文書検索やテキストマイニングを行うためには通常、文書の解析(自然言語処理)が必要となります。 解析の例としては単語の分かち書き、構文解析、属性抽出などがあり、必要な情報がテキストから抽出されアプリケーションで利用されます。 しかしながら、これらの技術を用いたテキスト処理モジュールを開発するには、それぞれに深い知識が必要で、独立に開発されていることが多いのが現状です。 そのため複数の解析技術を組み合わせたシステムを構築するためには、それぞれの技術に精通した多くの専門家と時間が必要となっています。 個々の技術を用いた処理モジュールは数多く存在しており、これらを再利用するなどして有効活用するための共通のデータ構造、そして処理モジュール共通のインターフェースが求められています。 このような背景のもと。2004年12月、IBM基礎研究部門は alphaWorks (IBMの先進的なソフトウェアを配布するサイト)より UIMA SDK を公開しました。 UIMA (Unstructured Information Management Architecture)は文書などの非定型情報管理アプリケーションを構築し配置するためのソフトウェアアーキテクチャーです。
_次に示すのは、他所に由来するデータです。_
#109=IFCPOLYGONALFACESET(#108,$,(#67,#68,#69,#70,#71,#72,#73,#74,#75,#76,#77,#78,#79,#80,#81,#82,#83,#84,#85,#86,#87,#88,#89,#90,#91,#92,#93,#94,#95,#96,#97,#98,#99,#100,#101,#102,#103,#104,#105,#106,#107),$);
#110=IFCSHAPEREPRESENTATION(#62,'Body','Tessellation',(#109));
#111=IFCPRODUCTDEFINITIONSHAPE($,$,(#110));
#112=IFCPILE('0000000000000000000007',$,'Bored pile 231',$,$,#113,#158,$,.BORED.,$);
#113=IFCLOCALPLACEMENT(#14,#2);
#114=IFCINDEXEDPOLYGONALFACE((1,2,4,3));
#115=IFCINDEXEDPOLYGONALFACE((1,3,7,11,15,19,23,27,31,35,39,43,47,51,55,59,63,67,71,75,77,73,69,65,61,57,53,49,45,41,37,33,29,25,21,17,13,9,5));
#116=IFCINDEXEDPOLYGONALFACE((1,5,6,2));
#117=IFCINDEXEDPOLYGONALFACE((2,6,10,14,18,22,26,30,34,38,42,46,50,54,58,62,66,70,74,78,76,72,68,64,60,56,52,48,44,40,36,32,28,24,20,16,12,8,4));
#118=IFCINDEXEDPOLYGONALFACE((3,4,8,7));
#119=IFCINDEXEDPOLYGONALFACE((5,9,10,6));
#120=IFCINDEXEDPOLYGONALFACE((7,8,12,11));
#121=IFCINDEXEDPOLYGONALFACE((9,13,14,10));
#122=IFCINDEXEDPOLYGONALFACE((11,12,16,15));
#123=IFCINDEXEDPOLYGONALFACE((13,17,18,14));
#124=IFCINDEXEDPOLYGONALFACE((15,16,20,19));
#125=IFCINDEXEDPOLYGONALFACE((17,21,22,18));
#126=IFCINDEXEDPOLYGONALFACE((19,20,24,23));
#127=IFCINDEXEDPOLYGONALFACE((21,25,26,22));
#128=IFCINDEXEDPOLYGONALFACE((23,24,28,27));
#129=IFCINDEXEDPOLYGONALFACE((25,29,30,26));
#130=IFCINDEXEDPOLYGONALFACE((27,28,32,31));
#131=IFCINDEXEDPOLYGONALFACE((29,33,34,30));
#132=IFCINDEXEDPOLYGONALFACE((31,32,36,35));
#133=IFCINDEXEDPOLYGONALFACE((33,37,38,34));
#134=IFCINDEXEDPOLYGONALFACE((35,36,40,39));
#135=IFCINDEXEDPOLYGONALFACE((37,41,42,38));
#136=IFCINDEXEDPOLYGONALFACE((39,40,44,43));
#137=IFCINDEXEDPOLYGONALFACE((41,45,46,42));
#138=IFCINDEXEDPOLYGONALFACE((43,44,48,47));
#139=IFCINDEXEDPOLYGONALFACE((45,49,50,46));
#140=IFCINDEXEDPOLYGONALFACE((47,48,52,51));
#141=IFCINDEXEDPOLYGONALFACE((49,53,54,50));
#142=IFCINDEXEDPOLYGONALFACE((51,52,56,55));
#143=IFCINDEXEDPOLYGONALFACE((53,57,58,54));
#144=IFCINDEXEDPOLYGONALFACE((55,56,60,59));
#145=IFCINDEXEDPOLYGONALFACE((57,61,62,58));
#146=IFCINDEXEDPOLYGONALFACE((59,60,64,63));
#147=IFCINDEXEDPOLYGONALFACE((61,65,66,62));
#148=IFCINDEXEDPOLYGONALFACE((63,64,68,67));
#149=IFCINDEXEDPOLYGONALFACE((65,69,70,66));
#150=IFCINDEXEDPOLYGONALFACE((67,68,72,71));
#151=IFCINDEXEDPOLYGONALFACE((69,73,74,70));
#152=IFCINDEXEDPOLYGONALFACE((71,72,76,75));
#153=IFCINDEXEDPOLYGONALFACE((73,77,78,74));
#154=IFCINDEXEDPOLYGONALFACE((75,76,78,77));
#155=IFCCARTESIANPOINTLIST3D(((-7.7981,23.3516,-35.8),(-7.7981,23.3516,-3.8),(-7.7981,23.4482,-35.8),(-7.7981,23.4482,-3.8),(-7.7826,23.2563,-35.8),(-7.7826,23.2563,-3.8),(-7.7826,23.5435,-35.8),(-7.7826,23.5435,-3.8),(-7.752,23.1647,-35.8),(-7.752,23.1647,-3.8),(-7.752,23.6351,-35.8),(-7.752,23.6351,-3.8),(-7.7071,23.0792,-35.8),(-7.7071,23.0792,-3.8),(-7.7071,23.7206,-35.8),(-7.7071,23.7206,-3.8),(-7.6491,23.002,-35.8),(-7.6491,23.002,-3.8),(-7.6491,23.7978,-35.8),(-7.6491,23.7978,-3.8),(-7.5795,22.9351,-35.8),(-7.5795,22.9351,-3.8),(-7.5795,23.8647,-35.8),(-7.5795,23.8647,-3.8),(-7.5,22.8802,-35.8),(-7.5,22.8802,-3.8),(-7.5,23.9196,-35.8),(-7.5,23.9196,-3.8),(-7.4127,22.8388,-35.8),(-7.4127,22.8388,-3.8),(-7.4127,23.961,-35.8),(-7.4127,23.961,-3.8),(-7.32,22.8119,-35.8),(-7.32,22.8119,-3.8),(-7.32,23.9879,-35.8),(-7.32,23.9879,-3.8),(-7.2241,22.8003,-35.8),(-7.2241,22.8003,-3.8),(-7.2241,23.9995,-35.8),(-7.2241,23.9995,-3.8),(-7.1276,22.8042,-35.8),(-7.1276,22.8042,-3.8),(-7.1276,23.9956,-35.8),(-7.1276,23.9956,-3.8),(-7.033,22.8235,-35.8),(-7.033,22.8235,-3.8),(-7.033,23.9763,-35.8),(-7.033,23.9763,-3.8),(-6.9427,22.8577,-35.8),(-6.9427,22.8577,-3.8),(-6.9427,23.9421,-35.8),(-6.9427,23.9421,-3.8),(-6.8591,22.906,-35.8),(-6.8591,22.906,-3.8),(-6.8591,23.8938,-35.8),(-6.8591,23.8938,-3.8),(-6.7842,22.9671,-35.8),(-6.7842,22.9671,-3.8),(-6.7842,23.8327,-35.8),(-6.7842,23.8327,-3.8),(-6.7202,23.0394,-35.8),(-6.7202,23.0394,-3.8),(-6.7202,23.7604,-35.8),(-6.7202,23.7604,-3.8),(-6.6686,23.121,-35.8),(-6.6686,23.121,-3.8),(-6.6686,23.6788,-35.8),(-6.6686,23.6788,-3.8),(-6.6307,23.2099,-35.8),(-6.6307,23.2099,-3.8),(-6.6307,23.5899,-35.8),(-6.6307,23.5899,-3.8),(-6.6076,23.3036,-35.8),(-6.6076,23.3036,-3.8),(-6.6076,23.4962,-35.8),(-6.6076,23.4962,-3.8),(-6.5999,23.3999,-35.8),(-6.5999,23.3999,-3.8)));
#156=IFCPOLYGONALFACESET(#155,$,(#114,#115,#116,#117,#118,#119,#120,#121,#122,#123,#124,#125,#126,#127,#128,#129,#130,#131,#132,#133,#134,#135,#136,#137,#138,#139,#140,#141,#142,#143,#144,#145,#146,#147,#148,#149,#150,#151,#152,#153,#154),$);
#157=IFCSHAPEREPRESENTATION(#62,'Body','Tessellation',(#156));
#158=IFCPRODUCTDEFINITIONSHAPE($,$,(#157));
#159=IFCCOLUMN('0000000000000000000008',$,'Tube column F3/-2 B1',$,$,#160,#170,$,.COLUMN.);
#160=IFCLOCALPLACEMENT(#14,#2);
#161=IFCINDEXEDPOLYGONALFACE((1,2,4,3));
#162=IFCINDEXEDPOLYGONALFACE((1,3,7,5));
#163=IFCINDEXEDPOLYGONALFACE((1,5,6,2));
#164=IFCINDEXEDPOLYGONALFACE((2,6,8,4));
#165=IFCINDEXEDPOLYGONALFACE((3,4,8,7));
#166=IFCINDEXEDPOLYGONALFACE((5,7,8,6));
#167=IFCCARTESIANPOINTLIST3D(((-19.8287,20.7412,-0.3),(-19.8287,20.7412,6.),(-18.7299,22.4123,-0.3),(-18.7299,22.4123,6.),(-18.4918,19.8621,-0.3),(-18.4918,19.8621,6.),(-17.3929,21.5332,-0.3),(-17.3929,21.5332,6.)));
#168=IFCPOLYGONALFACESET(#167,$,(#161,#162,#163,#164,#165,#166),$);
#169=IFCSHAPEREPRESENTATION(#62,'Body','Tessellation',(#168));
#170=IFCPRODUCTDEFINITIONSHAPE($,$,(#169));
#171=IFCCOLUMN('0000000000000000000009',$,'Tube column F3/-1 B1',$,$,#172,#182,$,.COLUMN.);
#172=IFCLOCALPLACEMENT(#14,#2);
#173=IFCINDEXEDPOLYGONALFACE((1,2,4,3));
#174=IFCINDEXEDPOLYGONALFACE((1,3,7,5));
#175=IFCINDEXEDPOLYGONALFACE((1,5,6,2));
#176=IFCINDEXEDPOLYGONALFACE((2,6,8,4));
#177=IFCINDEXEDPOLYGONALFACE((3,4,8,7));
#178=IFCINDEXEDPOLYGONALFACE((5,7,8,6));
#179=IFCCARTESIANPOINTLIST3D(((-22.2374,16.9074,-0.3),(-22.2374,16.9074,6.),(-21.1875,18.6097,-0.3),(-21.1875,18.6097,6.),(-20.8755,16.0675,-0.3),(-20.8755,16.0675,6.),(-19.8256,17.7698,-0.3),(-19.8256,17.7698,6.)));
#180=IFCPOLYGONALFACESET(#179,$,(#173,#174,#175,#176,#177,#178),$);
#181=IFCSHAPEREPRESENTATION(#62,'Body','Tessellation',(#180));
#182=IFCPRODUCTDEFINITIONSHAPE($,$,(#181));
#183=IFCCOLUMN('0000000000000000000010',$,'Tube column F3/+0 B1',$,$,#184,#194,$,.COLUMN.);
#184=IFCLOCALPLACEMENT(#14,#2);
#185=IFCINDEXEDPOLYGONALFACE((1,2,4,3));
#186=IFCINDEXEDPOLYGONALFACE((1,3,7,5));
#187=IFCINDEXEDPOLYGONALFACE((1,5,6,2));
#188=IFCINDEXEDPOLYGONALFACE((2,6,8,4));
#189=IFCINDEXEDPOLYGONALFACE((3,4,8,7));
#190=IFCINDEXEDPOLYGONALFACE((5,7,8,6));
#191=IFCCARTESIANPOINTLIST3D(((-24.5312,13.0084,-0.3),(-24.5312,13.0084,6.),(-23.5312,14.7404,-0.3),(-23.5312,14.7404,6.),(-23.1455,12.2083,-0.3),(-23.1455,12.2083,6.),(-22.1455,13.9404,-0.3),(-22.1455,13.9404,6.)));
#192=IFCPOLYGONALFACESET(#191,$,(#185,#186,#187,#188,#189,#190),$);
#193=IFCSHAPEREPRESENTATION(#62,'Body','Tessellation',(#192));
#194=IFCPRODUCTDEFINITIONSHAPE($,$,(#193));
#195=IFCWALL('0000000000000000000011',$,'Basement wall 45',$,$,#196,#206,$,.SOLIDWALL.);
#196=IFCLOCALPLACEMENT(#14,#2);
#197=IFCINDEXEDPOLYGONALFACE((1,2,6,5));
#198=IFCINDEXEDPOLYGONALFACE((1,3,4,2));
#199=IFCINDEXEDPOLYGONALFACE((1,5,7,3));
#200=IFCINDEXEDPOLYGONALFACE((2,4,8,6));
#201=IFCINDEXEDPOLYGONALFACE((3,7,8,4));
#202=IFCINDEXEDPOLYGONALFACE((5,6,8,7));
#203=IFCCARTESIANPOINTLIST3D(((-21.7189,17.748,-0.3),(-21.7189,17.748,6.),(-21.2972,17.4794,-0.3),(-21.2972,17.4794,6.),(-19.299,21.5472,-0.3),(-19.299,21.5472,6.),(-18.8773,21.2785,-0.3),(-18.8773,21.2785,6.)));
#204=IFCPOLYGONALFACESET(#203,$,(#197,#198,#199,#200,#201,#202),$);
これは2006年以降、Apache のプロジェクトにて、オープンソースのソフトウェアとして公開されています。

UIMAでは、文書などの非定型情報を処理するためのデータ構造(Common Analysis System)を定義しています。 また、各処理モジュールが共通に持つインターフェースとして、Analysis Engineを定義しています。 したがって各開発者がそれぞれ、Analysis EngineインターフェースをもったUIMA準拠の 処理モジュールを作成することによって、他の処理モジュールの中で使用されている技術に関する 専門的知識がなくても使用できるようになります。 これにより、アプリケーションの開発の協業が容易に行え、 より大きなソリューションを構築が可能となります。 このように、UIMAは非定型情報と定型情報をつなぐための有用なインフラとして位置づけられます。